Right now, the Decision Tree looks like a better choice to predict the absolute magnitude of Type Ia supernovae from the redshift, stretch color and... We will fit some higher order polynomials to check if the MAE of the polynomial regressor improves.

In [5]:
def polynomial_fitter(X,y,degree):
    poly1 = PolynomialFeatures(degree = degree,include_bias = False)
    poly_features = poly1.fit_transform(X)
    poly_model = LinearRegression()
    poly_model.fit(poly_features,y)
    return poly_model,poly1
    
def maeforpoly(X_train,y_train,X_valid,y_valid,degree):
    # poly1 = PolynomialFeatures(degree = degree,include_bias = False)
    poly_model,poly1 = polynomial_fitter(X_train,y_train,degree)
    ypreds = poly_model.predict(poly1.fit_transform(X_valid))
    return mean_absolute_error(y_valid,ypreds)
degreevals = np.linspace(2,12,11, dtype = 'int64')
print(degreevals)
for i in degreevals:
    print(f'MAE for a polynomial fit of degree {i} : {maeforpoly(X_train,y_train,X_valid,y_valid,i)}')

[ 2  3  4  5  6  7  8  9 10 11 12]
MAE for a polynomial fit of degree 2 : 0.9910553371918874
MAE for a polynomial fit of degree 3 : 0.6831737322330402
MAE for a polynomial fit of degree 4 : 0.5399037633752826
MAE for a polynomial fit of degree 5 : 0.44967846444245024
MAE for a polynomial fit of degree 6 : 0.4979908839239662
MAE for a polynomial fit of degree 7 : 0.9719012796887476
MAE for a polynomial fit of degree 8 : 2.810116353956823
MAE for a polynomial fit of degree 9 : 12.319525100429475
MAE for a polynomial fit of degree 10 : 82.76626679452838
MAE for a polynomial fit of degree 11 : 127.8432283311131
MAE for a polynomial fit of degree 12 : 1126.1995839173442


## Validation

We can see that the the fit is best when we choose a polynomial of degree 5 as it gives the least MAE. But this is from the same Pantheon+ dataset. To validate these models in a more robust manner, we need to test it against a different dataset.

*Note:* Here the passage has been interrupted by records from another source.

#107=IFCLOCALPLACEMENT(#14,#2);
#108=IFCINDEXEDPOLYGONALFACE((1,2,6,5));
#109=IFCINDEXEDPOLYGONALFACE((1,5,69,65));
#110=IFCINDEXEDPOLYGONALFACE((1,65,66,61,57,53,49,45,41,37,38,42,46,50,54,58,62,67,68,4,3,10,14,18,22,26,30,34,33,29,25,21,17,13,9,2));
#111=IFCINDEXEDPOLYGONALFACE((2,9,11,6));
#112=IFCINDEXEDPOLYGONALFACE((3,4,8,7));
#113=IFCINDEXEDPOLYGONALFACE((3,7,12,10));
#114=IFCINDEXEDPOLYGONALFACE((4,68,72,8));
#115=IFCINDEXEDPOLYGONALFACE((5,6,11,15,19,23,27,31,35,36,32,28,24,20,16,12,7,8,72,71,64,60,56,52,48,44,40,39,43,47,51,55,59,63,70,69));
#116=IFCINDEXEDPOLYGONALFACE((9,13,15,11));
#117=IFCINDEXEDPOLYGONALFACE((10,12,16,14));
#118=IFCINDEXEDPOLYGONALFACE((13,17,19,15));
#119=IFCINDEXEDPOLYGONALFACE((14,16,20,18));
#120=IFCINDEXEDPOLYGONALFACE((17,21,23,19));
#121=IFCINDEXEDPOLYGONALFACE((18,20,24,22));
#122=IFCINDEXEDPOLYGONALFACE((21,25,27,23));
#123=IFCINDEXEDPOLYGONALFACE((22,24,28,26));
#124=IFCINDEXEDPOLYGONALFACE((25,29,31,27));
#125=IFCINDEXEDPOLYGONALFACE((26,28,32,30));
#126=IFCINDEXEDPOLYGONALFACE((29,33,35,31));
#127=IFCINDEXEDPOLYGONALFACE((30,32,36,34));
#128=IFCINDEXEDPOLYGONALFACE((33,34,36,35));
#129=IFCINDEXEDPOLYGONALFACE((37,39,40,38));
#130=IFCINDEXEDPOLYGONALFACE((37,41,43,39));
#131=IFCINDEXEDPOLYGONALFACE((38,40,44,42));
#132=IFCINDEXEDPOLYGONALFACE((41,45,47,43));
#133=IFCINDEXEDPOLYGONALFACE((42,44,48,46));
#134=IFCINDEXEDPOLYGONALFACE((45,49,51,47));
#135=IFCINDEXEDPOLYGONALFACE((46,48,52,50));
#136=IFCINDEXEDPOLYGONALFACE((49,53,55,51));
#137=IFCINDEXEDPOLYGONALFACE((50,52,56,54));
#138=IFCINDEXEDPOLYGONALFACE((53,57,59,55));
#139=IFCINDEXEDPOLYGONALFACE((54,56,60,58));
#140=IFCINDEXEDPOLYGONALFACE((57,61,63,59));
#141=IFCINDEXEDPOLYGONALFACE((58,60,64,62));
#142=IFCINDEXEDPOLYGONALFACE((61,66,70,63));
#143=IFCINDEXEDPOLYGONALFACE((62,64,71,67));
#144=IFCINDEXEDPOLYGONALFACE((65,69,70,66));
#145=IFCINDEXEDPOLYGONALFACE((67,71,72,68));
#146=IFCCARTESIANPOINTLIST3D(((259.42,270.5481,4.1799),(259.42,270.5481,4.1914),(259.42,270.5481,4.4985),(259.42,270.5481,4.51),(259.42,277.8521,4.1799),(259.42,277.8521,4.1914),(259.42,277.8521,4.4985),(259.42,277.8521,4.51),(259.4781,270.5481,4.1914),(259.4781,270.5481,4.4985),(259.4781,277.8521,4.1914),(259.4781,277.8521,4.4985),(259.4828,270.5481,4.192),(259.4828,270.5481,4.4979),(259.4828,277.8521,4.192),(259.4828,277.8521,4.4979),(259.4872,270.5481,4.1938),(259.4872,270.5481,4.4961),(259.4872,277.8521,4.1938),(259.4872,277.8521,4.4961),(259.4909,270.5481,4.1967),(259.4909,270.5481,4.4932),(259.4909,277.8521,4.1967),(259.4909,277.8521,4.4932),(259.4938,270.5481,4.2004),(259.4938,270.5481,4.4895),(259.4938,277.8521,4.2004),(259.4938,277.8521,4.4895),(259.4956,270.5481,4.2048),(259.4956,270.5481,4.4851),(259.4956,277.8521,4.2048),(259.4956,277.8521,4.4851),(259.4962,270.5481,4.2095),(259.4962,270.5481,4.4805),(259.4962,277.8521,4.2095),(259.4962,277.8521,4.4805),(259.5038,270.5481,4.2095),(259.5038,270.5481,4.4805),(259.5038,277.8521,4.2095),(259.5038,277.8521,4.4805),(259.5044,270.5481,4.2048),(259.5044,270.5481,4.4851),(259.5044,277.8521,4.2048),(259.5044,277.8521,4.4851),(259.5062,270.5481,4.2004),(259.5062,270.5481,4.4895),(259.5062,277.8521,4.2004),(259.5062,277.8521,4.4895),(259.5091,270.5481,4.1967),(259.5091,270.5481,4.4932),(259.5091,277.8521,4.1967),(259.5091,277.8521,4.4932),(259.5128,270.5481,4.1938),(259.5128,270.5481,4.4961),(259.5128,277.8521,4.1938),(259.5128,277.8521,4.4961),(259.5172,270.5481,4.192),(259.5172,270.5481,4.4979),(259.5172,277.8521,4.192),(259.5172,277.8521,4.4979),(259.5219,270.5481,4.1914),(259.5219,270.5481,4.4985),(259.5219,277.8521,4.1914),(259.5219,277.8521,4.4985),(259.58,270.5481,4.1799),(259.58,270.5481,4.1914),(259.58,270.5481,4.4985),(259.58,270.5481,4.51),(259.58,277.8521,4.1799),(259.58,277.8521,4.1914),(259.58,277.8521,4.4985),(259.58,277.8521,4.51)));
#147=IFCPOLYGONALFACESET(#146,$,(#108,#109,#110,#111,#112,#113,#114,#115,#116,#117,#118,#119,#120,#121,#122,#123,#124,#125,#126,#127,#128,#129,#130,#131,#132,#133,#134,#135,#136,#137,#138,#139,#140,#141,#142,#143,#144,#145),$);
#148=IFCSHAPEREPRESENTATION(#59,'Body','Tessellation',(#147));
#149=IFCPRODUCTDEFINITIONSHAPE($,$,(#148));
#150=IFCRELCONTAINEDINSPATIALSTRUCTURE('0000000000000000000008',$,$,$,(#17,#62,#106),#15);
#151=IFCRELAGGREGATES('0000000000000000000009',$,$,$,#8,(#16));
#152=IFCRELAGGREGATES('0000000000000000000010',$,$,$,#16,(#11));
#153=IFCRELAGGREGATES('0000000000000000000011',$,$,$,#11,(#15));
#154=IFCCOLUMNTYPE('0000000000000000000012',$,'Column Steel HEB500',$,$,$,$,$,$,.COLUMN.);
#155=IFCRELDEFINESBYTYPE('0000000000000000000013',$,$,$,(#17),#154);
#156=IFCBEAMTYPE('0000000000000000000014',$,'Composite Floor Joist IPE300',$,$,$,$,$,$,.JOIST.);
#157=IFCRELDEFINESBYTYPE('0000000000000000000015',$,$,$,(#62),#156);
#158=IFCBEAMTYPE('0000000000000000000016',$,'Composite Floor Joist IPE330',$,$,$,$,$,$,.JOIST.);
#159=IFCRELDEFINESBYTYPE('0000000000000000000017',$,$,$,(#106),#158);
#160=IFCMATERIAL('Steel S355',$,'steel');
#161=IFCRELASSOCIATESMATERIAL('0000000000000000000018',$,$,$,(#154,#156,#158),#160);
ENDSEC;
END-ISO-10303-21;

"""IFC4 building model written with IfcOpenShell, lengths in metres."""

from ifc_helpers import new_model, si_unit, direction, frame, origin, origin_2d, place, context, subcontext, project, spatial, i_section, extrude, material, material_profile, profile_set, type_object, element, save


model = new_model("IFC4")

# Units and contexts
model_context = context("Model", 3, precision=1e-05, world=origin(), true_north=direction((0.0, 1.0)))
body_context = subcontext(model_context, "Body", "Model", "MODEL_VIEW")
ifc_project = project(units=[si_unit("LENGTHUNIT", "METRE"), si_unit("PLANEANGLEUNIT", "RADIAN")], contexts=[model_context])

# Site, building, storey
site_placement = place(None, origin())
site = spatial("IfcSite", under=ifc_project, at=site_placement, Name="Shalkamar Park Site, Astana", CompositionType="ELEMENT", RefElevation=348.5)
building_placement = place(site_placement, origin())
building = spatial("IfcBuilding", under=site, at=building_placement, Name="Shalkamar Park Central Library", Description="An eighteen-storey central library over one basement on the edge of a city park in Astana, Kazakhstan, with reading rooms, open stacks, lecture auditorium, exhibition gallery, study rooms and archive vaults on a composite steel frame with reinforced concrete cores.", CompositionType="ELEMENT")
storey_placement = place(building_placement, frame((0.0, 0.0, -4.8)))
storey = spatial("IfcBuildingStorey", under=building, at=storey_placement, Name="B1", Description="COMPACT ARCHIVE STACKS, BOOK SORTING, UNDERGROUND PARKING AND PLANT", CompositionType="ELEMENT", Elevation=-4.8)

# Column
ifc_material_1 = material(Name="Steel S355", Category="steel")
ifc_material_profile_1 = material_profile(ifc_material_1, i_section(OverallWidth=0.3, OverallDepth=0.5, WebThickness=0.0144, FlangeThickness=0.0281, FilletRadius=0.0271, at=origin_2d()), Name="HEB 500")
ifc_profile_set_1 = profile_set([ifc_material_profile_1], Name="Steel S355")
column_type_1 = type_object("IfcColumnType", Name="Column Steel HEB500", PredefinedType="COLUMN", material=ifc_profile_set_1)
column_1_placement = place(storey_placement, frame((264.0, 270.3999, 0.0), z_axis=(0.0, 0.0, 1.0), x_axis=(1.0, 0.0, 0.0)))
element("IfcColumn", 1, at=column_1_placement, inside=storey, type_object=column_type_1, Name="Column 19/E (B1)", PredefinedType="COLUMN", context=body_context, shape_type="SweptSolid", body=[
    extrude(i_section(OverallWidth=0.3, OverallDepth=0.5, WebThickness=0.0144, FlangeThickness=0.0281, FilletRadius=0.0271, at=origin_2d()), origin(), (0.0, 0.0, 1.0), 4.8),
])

For this, I will be using the Dark Energy Survey 5 Year Data release supernova dataset, which contains data of 1829 supernovae.

In [6]:
despath = '../data/DES-data.csv'
X_test,y_test = preprocess_des_data(despath)
decTree2 = DecisionTreeRegressor(random_state = 0)
decTree2.fit(X1,y1)

y_pred_decTree2 = decTree2.predict(X_test)
maetest_decTree2 = mean_absolute_error(y_test,y_pred_decTree2)

print(f'MAE for Decision Tree with test data : {maetest_decTree2}')

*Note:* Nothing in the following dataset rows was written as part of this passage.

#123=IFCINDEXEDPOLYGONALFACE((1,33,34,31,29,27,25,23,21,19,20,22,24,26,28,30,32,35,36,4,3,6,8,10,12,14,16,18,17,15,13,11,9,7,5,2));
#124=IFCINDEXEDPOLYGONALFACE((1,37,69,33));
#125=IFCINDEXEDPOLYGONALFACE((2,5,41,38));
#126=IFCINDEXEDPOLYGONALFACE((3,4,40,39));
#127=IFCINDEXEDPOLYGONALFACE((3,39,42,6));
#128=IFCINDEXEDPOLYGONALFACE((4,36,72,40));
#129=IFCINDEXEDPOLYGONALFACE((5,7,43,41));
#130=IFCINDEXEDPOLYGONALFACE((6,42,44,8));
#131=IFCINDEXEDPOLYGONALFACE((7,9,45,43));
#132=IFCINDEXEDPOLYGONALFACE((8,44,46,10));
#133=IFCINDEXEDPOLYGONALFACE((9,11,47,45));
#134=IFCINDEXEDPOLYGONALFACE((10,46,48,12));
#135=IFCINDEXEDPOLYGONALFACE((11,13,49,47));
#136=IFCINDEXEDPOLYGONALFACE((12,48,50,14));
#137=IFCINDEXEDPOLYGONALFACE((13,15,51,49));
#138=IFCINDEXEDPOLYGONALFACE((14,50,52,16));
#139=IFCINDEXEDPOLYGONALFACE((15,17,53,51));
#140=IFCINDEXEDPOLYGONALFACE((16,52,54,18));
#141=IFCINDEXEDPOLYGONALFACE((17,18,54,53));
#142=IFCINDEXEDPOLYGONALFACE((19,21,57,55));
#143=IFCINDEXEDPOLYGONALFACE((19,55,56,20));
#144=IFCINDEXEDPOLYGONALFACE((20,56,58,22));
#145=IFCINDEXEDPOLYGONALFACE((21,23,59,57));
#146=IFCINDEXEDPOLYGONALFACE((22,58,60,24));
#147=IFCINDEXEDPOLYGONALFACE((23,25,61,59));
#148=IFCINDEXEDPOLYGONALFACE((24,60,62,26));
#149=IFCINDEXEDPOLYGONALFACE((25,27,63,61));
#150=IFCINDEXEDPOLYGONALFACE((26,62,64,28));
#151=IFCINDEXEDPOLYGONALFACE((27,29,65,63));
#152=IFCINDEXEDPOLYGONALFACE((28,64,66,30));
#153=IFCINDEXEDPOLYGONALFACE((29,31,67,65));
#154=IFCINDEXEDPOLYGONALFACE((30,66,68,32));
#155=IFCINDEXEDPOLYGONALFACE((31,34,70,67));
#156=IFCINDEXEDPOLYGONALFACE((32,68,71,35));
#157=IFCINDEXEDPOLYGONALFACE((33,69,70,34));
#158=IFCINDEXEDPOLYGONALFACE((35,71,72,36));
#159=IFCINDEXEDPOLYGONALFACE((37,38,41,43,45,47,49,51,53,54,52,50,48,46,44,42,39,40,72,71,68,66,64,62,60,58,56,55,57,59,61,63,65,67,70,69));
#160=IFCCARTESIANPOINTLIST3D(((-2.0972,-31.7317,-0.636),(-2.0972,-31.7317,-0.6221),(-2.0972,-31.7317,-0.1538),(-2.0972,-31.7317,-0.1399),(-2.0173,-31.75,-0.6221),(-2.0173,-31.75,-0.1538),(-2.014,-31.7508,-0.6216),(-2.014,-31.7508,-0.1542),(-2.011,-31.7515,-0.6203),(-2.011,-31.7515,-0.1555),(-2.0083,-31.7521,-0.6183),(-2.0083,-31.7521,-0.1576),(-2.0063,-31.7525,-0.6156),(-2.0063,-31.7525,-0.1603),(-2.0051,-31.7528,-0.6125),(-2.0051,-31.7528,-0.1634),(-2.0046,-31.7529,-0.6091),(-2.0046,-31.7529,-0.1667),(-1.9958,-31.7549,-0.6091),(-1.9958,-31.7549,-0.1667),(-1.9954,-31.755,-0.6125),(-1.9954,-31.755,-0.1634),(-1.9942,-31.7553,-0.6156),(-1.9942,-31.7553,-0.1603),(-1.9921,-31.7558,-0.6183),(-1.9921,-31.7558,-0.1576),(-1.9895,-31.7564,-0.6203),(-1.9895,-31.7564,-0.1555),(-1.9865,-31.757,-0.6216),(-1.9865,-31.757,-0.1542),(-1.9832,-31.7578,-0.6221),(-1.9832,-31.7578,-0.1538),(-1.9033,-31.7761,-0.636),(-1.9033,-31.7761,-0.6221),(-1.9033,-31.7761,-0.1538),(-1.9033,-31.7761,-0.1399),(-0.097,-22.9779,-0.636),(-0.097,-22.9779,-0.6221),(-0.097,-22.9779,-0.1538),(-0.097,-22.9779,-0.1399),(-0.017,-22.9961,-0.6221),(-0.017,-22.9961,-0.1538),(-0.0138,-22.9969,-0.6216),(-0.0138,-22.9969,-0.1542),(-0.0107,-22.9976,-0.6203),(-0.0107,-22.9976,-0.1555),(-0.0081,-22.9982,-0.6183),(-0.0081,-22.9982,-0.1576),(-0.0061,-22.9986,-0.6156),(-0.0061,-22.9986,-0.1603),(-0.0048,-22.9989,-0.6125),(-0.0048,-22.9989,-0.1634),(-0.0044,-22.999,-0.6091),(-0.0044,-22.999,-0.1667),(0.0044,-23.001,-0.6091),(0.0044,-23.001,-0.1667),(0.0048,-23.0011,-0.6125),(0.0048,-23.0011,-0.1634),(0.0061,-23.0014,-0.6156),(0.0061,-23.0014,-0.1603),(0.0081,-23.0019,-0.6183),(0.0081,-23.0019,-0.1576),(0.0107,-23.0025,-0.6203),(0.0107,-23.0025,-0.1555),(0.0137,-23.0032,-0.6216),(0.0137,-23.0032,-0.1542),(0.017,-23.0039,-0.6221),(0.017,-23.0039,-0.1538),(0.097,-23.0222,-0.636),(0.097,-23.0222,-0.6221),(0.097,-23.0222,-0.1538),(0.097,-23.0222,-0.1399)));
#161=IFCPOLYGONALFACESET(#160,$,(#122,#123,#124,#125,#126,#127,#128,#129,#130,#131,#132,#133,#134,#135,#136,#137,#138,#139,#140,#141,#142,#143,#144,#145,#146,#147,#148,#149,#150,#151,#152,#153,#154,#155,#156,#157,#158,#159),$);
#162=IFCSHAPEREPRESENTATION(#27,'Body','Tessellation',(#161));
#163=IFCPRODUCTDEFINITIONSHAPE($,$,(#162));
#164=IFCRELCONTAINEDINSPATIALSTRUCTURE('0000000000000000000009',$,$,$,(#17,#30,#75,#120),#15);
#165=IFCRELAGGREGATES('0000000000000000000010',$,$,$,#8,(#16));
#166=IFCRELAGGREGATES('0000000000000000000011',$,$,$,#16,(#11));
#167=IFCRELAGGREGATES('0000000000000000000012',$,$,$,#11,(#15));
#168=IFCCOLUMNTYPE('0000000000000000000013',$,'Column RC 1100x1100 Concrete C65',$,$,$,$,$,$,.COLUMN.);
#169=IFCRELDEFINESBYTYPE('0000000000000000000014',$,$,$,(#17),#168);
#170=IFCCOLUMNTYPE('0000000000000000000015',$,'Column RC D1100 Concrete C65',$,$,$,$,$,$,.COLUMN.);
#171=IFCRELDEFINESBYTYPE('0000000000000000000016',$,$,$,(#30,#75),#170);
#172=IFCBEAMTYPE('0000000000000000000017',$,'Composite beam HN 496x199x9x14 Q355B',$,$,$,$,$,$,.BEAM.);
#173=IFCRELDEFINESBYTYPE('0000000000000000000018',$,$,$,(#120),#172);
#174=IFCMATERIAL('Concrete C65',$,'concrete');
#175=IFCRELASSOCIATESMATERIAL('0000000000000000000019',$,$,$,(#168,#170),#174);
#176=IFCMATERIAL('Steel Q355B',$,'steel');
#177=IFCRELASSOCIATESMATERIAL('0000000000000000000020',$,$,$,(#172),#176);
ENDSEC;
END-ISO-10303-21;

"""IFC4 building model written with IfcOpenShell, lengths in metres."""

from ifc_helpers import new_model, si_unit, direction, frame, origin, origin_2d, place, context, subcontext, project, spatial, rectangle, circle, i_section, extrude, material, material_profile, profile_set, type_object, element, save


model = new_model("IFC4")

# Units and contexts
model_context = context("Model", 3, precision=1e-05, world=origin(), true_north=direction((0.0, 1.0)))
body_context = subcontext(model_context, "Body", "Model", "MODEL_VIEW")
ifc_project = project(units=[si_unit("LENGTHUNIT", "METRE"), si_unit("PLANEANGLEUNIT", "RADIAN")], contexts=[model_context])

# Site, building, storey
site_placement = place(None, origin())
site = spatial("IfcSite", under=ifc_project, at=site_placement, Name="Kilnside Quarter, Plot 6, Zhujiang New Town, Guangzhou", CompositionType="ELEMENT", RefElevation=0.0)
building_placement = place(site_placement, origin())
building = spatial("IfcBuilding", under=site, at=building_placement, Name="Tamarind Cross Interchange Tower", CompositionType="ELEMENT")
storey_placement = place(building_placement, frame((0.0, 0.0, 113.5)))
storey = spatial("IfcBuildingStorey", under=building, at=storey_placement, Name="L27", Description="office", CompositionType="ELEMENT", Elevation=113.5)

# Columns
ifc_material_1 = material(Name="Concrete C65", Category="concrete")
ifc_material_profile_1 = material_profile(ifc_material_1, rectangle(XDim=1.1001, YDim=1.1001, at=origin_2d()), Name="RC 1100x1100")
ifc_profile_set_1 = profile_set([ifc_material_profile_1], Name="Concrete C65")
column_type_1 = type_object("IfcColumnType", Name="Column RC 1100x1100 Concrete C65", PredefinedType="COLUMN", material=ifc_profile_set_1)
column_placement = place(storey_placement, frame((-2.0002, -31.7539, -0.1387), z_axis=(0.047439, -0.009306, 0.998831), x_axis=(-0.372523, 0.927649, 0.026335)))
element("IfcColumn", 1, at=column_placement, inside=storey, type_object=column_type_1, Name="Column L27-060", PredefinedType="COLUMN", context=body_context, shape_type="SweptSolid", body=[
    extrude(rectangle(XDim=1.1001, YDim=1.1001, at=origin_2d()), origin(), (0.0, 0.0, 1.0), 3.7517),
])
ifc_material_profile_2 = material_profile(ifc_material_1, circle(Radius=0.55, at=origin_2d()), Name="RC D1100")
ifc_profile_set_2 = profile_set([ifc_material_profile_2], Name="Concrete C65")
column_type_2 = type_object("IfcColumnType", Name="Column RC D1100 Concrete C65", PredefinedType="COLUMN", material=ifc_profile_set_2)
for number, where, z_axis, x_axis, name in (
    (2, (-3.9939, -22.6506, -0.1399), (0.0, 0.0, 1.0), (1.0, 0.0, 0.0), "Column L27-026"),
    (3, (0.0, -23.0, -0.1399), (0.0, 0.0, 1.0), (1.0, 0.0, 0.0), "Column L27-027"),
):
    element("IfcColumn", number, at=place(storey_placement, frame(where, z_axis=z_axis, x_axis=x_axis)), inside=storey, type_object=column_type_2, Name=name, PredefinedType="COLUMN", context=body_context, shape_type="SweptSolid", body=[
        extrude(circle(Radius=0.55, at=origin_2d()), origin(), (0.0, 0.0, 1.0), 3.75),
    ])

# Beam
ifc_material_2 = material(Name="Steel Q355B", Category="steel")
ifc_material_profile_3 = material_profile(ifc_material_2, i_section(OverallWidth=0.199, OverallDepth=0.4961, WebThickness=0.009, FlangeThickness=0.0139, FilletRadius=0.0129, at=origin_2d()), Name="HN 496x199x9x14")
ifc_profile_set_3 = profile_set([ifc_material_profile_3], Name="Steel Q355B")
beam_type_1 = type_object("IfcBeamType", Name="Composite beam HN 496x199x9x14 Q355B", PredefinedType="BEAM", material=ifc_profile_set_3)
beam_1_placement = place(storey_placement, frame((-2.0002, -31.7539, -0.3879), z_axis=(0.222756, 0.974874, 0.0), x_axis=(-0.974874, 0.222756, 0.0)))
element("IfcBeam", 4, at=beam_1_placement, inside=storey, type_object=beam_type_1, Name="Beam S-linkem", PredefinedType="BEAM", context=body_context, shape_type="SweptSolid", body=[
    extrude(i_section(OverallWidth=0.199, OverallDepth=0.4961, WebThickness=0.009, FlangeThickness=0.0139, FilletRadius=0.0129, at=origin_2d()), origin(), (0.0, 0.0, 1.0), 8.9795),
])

MAE for Decision Tree with test data : 0.31508775287042107


In [7]:

for i in degreevals:
    print(f'MAE for polynomial fit of degree {i} with test data : {maeforpoly(X1,y1,X_test,y_test,i)}')

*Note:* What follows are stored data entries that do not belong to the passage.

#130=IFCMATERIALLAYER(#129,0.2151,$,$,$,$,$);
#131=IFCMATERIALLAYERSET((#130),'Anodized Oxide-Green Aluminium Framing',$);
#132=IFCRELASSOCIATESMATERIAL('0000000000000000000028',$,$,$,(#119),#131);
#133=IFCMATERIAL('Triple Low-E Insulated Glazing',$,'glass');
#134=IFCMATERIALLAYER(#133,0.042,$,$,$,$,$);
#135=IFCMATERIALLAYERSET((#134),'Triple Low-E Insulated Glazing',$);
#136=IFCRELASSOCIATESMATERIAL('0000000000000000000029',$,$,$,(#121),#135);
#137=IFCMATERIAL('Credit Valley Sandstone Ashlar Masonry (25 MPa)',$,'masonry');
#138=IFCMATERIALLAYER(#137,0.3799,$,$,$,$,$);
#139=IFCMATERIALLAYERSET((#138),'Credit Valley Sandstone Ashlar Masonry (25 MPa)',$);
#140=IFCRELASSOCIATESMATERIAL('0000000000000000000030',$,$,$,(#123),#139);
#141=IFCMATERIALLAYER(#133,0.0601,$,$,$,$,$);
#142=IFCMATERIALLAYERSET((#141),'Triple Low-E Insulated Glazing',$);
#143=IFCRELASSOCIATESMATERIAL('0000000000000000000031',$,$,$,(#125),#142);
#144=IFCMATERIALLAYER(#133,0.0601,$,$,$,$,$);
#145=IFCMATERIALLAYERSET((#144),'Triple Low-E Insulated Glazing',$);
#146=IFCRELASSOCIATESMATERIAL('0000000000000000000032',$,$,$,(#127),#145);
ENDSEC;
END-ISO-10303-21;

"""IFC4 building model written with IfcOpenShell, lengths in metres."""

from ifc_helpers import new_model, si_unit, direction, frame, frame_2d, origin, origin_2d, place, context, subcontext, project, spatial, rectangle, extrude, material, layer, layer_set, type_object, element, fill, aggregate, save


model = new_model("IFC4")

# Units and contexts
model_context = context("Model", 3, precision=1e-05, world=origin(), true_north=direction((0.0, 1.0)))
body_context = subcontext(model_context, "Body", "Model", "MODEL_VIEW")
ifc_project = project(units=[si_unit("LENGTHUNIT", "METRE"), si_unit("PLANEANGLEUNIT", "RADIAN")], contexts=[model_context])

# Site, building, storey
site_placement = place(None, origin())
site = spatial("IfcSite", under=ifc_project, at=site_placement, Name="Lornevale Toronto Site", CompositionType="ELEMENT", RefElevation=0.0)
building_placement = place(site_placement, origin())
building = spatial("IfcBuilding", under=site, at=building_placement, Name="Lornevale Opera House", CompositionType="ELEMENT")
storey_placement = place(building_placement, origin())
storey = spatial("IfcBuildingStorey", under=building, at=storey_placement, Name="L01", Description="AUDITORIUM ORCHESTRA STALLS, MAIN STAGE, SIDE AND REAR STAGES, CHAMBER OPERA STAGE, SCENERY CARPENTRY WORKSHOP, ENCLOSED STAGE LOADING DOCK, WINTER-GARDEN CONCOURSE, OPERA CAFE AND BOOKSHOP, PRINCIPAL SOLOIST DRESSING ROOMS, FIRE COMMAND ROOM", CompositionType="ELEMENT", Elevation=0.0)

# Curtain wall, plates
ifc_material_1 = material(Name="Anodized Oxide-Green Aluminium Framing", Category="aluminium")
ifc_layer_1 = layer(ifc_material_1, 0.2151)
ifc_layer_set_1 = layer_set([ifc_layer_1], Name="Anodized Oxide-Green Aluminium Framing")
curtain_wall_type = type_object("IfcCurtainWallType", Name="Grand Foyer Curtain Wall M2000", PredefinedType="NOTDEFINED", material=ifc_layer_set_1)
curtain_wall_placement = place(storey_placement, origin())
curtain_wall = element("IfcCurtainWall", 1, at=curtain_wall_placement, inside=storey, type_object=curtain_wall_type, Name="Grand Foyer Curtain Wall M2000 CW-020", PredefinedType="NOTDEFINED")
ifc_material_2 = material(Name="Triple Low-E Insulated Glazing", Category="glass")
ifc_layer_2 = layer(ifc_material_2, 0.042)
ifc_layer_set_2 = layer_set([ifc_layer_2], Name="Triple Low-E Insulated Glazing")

MAE for polynomial fit of degree 2 with test data : 1.1027774237234178
MAE for polynomial fit of degree 3 with test data : 0.6544773386293322
MAE for polynomial fit of degree 4 with test data : 0.5439427325541124
MAE for polynomial fit of degree 5 with test data : 0.5823493367162379
MAE for polynomial fit of degree 6 with test data : 0.6209551936299756
MAE for polynomial fit of degree 7 with test data : 1.1527571774266439
MAE for polynomial fit of degree 8 with test data : 2.088794860466574
MAE for polynomial fit of degree 9 with test data : 9.391918942698457
MAE for polynomial fit of degree 10 with test data : 13.131569200138129
MAE for polynomial fit of degree 11 with test data : 43.309428062609726
MAE for polynomial fit of degree 12 with test data : 190.8151573110611


We can conclude that the Decision Tree Regressor proves to be a better model to predict absolute magnitudes of supernovae from these three features.